We now have been given 3 choices (endorsed by the commission for aviation regulation):
- Take a partial refund for the hotel portion and take the hit on almost half the total price.
- Take inferior accommodation in an area unsuitable to people traveling with a small child
- Pay extra to get the original package that we already paid for.
Either way we lose! Where does the bonding come in?


----------



## oldnick (30 Sep 2009)

I am a travel agent -30 years in Dublin.

I am surprised at the way the Commission for Aviation Regulations have dealt with the Slattery debacle.

I am not a lawyer but my repeated reading over many years of the relevant legislation makes me believe that you are fully entitled to a refund. Without quibble.
You are not entitled to an alternative holiday. The legislation was put in place to protect the public against monetary loss when dealing with licensed travel companies .(This was done at a time 1982 when nearly all travel was booked through agents. Now its only 20% -the rest is on the internet ,yet we still have to have licences and bonds)

And for 27 years the bonding scheme has worked well- better and quicker here than in most EU countries.

Although it can take several weeks - as with any claim from any government department - at least you knew it was being refunded. Well, until now. With the Slattery case the Commission took an unprecedented action which has caused confusion and anxiety......
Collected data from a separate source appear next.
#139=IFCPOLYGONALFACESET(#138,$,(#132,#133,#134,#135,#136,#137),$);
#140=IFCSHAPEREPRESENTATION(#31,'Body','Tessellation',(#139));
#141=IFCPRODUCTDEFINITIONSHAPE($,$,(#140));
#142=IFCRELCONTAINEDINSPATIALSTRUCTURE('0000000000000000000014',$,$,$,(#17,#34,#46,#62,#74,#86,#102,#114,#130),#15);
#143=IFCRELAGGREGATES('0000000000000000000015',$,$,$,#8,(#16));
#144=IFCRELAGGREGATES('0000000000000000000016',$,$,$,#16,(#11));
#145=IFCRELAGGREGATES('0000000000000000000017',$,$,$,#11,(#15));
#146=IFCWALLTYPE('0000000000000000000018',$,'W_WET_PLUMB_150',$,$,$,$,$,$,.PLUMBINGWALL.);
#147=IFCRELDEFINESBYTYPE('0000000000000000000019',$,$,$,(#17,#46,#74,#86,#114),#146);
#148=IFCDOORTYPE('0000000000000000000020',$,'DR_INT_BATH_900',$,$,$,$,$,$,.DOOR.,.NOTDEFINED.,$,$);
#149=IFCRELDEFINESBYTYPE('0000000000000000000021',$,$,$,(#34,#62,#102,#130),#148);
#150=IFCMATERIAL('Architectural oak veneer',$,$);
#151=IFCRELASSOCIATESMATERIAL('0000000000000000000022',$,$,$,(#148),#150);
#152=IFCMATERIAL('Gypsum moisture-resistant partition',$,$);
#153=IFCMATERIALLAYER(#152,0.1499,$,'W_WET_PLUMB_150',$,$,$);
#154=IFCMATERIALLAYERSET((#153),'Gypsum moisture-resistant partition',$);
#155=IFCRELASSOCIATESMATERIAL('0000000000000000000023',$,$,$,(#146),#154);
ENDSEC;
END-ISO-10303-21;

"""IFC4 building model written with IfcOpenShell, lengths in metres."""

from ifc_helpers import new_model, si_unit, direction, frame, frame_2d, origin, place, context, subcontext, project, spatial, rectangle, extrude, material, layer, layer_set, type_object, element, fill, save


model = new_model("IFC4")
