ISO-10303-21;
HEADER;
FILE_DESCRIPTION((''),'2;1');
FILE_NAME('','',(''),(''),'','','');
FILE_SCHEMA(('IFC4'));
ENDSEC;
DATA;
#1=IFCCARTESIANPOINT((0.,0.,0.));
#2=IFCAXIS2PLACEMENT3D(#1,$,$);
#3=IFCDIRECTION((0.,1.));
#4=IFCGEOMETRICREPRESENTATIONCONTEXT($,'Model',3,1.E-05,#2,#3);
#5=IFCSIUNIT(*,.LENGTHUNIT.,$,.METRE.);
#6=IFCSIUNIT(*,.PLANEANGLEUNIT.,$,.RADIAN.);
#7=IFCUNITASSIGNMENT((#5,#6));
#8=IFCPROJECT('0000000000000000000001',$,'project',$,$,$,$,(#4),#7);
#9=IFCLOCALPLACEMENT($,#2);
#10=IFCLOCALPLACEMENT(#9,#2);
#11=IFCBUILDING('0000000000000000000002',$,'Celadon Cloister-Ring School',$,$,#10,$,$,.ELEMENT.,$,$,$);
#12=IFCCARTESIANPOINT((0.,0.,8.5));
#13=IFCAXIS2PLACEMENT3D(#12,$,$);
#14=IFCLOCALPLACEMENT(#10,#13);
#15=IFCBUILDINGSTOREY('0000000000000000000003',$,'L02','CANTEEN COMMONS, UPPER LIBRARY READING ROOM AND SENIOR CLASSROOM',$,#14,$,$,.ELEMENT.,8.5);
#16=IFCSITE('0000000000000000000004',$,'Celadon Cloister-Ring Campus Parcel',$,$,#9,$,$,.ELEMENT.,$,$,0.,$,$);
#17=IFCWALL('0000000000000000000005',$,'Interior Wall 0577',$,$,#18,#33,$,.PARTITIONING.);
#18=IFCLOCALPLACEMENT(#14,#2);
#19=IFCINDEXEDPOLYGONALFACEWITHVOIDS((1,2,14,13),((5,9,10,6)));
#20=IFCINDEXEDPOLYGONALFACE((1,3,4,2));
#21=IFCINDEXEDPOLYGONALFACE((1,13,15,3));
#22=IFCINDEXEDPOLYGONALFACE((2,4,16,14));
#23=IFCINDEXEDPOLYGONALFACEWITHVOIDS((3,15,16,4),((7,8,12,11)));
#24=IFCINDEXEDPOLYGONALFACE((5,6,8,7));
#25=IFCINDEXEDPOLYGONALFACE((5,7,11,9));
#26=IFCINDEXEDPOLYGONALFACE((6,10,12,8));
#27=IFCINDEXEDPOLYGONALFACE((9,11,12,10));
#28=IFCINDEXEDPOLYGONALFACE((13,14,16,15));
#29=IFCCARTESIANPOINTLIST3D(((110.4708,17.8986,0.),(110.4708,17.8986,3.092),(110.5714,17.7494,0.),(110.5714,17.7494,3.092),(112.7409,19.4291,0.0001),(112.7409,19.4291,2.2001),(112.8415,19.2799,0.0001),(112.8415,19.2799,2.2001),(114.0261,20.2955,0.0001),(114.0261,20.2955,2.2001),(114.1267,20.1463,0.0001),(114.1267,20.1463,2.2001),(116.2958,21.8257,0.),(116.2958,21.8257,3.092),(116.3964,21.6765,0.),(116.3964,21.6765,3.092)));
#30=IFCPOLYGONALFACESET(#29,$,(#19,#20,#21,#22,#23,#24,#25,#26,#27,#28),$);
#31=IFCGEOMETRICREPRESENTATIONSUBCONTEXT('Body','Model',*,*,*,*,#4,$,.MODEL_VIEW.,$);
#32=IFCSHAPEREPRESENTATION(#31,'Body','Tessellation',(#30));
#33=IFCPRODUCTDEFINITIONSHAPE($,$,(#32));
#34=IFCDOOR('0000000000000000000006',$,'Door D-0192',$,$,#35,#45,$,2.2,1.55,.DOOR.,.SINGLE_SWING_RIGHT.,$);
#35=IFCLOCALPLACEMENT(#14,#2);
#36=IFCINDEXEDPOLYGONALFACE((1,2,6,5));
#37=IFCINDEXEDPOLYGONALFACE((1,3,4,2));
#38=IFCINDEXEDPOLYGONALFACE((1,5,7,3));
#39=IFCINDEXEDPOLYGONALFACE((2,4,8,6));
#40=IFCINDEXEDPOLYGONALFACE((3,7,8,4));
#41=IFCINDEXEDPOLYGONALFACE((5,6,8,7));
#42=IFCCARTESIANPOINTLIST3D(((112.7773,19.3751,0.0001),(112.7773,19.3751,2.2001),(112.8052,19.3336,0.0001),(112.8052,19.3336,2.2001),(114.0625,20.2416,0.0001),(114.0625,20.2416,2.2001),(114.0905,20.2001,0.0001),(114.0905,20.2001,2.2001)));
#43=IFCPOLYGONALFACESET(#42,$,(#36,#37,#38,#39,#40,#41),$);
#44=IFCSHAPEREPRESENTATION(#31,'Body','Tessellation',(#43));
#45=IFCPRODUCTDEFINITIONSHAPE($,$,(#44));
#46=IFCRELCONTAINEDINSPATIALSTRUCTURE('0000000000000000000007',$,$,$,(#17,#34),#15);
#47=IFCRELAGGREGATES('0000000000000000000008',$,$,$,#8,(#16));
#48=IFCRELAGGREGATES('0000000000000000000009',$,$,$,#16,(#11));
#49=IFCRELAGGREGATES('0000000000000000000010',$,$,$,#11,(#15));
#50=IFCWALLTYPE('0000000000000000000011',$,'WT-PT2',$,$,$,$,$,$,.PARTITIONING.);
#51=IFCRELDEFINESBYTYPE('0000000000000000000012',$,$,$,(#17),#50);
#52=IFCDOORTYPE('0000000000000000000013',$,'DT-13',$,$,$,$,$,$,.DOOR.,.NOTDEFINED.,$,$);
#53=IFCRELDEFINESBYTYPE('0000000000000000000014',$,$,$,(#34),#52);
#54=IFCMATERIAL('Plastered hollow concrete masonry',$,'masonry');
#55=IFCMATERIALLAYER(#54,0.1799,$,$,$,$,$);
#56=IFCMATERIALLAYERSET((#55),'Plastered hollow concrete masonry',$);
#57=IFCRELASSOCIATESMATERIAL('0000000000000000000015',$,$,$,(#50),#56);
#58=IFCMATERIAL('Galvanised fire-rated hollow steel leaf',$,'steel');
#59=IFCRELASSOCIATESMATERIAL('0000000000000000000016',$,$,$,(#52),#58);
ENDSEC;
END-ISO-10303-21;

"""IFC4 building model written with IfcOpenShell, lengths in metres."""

from ifc_helpers import new_model, si_unit, direction, frame, frame_2d, origin, place, context, subcontext, project, spatial, rectangle, extrude, material, layer, layer_set, type_object, element, fill, save


model = new_model("IFC4")

# Units and contexts
model_context = context("Model", 3, precision=1e-05, world=origin(), true_north=direction((0.0, 1.0)))
body_context = subcontext(model_context, "Body", "Model", "MODEL_VIEW")
ifc_project = project(units=[si_unit("LENGTHUNIT", "METRE"), si_unit("PLANEANGLEUNIT", "RADIAN")], contexts=[model_context])

# Site, building, storey
site_placement = place(None, origin())
site = spatial("IfcSite", under=ifc_project, at=site_placement, Name="Celadon Cloister-Ring Campus Parcel", CompositionType="ELEMENT", RefElevation=0.0)
building_placement = place(site_placement, origin())
building = spatial("IfcBuilding", under=site, at=building_placement, Name="Celadon Cloister-Ring School", CompositionType="ELEMENT")
storey_placement = place(building_placement, frame((0.0, 0.0, 8.5)))
storey = spatial("IfcBuildingStorey", under=building, at=storey_placement, Name="L02", Description="CANTEEN COMMONS, UPPER LIBRARY READING ROOM AND SENIOR CLASSROOM", CompositionType="ELEMENT", Elevation=8.5)

# Wall, opening, door
ifc_material_1 = material(Name="Plastered hollow concrete masonry", Category="masonry")
ifc_layer_1 = layer(ifc_material_1, 0.1799)
ifc_layer_set_1 = layer_set([ifc_layer_1], Name="Plastered hollow concrete masonry")
wall_type_1 = type_object("IfcWallType", Name="WT-PT2", PredefinedType="PARTITIONING", material=ifc_layer_set_1)
wall_1_placement = place(storey_placement, frame((110.521, 17.824, 0.0), z_axis=(0.0, 0.0, 1.0), x_axis=(0.829168, 0.558999, 0.0)))
wall_1 = element("IfcWall", 1, at=wall_1_placement, inside=storey, type_object=wall_type_1, Name="Interior Wall 0577", PredefinedType="PARTITIONING", context=body_context, shape_type="SweptSolid", body=[
    extrude(rectangle(XDim=7.0251, YDim=0.1799, at=frame_2d((3.5127, 0.0))), origin(), (0.0, 0.0, 1.0), 3.092),
])
opening_1_placement = place(wall_1_placement, frame((2.738, 0.0, 0.0)))
opening_1 = element("IfcOpeningElement", 2, at=opening_1_placement, cuts=wall_1, PredefinedType="OPENING", context=body_context, shape_type="SweptSolid", body=[
    extrude(rectangle(XDim=1.55, YDim=2.2, at=frame_2d((0.7749, 1.1001))), frame((0.0, 0.1001, 0.0), z_axis=(0.0, -1.0, 0.0), x_axis=(1.0, 0.0, 0.0)), (0.0, 0.0, 1.0), 0.2),
])
ifc_material_2 = material(Name="Galvanised fire-rated hollow steel leaf", Category="steel")
door_type = type_object("IfcDoorType", Name="DT-13", OperationType="NOTDEFINED", PredefinedType="DOOR", material=ifc_material_2)
door_placement = place(opening_1_placement, origin())
door = element("IfcDoor", 3, at=door_placement, inside=storey, type_object=door_type, Name="Door D-0192", OperationType="SINGLE_SWING_RIGHT", OverallHeight=2.2, OverallWidth=1.55, PredefinedType="DOOR", context=body_context, shape_type="SweptSolid", body=[
    extrude(rectangle(XDim=1.55, YDim=2.2, at=frame_2d((0.7749, 1.1001))), frame((0.0, 0.0249, 0.0), z_axis=(0.0, -1.0, 0.0), x_axis=(1.0, 0.0, 0.0)), (0.0, 0.0, 1.0), 0.05),
])
fill(opening_1, door)

save(model, "model.ifc")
As per the Commission's website,  aviationreg.ie  (and I summarise here...) 
" all claims are being dealt with by Club Travel who have taken over the bookings of Slattery Travel".

Now, from what i have learned this does not mean that the booking will be done exactly as you had booked with Slattery -it means  that Club Travel will "try their best" to provide the travel arrangements booked with Slattery.

I contacted the Commission and asked them what happens if the client is not satisfied with the " best alternative" offer -or was told  by Club Travel that he/she had to pay more to get exactly what was booked with Slattery.  
In any event, I added, why is a government department  that was set up to handle claims from customers now handing over the task to private company, albeit a large capable one ?

The response was "Look we're up to our necks in travel company failures. we don't have the staff to deal with Slatterys collapse. Letting a private travel company take over our role is a way of getting as many customers as possible what they booked. "

When I pressed them about what about those clients who are not satisfied with an alternative offer (as is the case with you) the reply was typical of public servants who do not like being put on the spot  -"you have to put that question in writing ".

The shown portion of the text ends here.